Top 10 Gardening "Fails"

Gardening is fun but challenging.  New gardeners are often intimidated.  They fear making errors or killing plants.  Well, I’m here to tell you, every gardener makes mistakes.  It is ok to make mistakes!  Mistakes are how we learn and improve.

In addition to human error, sometimes disaster strikes in the garden.  Wind knocks over trees, ice kills off your favorite perennial, insects eat... well, everything...

New gardeners, you are not alone!
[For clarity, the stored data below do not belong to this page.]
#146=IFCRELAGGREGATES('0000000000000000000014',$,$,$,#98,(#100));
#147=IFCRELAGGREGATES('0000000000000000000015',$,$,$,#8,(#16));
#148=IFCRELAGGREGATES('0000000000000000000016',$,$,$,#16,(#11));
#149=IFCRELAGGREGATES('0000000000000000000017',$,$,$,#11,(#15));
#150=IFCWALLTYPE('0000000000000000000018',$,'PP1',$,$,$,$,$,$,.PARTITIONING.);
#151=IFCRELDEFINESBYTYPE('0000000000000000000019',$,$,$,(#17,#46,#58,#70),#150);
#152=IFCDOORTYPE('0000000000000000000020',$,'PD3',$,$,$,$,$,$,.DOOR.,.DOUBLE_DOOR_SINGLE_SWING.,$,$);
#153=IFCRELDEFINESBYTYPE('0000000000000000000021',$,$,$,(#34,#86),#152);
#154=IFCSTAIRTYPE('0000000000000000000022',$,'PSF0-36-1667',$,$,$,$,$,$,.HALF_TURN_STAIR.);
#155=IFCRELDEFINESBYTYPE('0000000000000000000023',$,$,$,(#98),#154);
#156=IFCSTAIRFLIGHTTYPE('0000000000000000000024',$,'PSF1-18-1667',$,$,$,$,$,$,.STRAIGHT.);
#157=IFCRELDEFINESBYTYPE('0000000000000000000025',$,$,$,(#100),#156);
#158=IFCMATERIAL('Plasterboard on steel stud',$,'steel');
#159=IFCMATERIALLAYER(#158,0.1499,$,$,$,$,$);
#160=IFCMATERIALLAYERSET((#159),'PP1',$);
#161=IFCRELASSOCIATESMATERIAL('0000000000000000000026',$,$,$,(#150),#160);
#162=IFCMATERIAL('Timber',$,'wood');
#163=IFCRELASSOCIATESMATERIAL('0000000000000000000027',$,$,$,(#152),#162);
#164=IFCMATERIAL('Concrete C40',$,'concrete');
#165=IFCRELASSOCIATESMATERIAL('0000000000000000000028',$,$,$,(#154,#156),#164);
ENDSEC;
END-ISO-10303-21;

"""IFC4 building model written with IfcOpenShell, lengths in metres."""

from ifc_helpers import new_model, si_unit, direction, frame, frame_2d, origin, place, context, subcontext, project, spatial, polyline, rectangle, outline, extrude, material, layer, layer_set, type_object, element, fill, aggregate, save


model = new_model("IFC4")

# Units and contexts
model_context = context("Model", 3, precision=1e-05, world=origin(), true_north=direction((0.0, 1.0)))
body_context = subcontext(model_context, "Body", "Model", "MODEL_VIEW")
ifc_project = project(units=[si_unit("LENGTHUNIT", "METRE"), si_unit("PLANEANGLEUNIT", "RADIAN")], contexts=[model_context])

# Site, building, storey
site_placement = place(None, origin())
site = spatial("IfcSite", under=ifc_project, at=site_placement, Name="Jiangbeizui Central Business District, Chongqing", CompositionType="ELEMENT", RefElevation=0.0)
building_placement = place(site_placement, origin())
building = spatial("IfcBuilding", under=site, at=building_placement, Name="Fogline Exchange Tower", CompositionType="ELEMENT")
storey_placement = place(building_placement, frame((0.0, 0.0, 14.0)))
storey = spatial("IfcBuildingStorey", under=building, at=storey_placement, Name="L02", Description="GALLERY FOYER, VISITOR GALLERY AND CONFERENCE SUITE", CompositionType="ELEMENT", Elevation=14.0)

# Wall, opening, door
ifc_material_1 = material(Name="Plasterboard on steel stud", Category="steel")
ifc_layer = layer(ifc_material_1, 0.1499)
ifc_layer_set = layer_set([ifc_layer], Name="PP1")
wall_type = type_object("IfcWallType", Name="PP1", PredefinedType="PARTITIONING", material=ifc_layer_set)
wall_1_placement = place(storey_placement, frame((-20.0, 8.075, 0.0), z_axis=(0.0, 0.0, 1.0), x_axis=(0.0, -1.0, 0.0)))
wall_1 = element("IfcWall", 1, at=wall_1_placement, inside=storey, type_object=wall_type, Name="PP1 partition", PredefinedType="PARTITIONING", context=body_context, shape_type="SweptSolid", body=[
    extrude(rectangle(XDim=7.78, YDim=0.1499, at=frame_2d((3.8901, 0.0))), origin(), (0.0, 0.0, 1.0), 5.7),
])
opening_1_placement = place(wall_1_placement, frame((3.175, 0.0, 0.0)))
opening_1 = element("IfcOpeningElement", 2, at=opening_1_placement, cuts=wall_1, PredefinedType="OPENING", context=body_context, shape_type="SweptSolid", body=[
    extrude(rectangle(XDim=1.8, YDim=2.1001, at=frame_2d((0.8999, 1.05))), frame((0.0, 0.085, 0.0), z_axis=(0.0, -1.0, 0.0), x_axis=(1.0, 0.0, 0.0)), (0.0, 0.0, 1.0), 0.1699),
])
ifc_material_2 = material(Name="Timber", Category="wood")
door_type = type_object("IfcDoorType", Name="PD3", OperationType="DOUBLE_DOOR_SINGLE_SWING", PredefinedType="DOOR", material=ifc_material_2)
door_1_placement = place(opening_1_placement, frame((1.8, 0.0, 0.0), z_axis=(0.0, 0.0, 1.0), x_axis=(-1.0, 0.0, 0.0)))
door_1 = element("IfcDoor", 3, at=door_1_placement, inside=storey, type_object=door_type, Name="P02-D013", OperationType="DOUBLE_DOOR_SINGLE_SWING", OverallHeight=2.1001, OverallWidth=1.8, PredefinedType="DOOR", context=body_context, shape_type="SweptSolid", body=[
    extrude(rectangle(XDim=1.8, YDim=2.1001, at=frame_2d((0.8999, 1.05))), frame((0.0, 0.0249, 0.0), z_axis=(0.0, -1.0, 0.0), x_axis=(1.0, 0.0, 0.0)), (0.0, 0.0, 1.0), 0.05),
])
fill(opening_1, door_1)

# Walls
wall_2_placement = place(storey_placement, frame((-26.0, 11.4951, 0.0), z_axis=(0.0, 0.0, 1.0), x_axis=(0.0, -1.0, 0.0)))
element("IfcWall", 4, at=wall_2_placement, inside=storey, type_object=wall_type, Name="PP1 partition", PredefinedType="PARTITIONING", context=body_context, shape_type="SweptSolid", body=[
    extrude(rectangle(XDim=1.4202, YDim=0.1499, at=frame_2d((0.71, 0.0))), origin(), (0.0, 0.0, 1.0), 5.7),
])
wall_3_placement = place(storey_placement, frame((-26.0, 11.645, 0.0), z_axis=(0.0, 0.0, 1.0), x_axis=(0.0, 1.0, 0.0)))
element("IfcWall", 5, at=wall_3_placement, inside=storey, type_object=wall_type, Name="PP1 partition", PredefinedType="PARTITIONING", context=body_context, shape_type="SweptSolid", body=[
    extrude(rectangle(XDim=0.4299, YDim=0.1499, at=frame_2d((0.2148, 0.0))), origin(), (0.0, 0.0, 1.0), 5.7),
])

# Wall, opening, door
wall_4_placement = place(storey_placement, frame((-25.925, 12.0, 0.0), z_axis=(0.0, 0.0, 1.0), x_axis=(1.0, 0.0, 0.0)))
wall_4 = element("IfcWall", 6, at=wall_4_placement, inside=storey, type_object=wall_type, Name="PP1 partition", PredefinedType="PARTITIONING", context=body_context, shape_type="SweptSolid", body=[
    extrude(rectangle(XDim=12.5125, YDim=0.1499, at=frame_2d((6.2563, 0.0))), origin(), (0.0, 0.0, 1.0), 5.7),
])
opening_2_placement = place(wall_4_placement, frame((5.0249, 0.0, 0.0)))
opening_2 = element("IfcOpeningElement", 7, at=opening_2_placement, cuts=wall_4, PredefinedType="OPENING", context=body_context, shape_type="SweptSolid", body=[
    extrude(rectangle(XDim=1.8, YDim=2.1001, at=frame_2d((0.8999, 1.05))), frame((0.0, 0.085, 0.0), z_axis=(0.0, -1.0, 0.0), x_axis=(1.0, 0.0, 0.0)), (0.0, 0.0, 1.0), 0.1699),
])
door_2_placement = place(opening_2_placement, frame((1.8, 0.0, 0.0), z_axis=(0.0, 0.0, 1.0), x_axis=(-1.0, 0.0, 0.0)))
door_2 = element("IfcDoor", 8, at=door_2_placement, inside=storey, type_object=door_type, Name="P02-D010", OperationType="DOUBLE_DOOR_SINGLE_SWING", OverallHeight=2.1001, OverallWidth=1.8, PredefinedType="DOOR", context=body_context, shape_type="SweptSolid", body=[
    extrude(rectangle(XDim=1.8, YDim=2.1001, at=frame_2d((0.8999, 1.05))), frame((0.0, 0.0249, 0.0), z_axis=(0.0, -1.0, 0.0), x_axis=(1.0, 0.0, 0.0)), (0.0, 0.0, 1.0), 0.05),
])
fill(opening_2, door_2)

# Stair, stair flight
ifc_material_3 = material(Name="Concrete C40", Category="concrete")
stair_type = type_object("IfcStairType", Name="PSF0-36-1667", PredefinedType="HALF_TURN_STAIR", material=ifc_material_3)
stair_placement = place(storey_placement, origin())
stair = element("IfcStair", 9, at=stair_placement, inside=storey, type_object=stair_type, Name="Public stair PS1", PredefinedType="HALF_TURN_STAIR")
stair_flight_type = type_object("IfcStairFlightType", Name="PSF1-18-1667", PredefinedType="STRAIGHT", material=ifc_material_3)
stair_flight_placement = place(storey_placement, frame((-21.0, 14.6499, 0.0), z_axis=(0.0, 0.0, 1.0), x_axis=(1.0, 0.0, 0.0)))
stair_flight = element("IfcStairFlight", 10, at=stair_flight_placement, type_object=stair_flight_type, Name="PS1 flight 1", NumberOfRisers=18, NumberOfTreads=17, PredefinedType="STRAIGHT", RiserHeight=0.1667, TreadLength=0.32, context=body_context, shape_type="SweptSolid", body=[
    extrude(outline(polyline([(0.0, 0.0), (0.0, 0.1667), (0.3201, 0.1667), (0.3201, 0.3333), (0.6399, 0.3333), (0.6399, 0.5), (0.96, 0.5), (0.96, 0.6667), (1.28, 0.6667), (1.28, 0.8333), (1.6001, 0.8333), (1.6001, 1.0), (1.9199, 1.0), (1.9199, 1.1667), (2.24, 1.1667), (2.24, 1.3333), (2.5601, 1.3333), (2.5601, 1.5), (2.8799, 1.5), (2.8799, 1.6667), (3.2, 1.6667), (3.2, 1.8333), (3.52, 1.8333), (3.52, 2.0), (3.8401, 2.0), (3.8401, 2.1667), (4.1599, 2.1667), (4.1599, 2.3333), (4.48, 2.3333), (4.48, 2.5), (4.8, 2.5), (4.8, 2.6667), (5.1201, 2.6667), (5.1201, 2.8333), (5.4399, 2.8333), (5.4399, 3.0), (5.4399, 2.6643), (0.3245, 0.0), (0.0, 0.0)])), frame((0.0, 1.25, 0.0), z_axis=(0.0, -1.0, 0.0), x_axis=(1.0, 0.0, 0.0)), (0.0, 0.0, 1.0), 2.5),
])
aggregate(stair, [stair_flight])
To prove it, here is a list of my top ten garden “fails”:

10.   I planted cucumber seeds behind tomato seedlings in the vegetable garden.  The result: the tomatoes grew faster than the cucumbers and shaded them out.  No cucumbers that year!  Plenty of tomatoes though.

9.    I often pour too much water into my potted indoor plants.  This results in a minor flood and a mess to clean up.  The worst part of this is that I’ve done it over, and over.

(My aloe and Douglas Adams' potted petunias share similar thoughts.)
8.    When I was a child my mother told me to do something for her in the garden.  To this day, I don’t know what she actually said.  But what I heard was “prune the bushes.”  I went around and dutifully pruned her small evergreen bushes.  She was so mad when she caught me! Fortunately, none of them died. But many were lopsided from then on.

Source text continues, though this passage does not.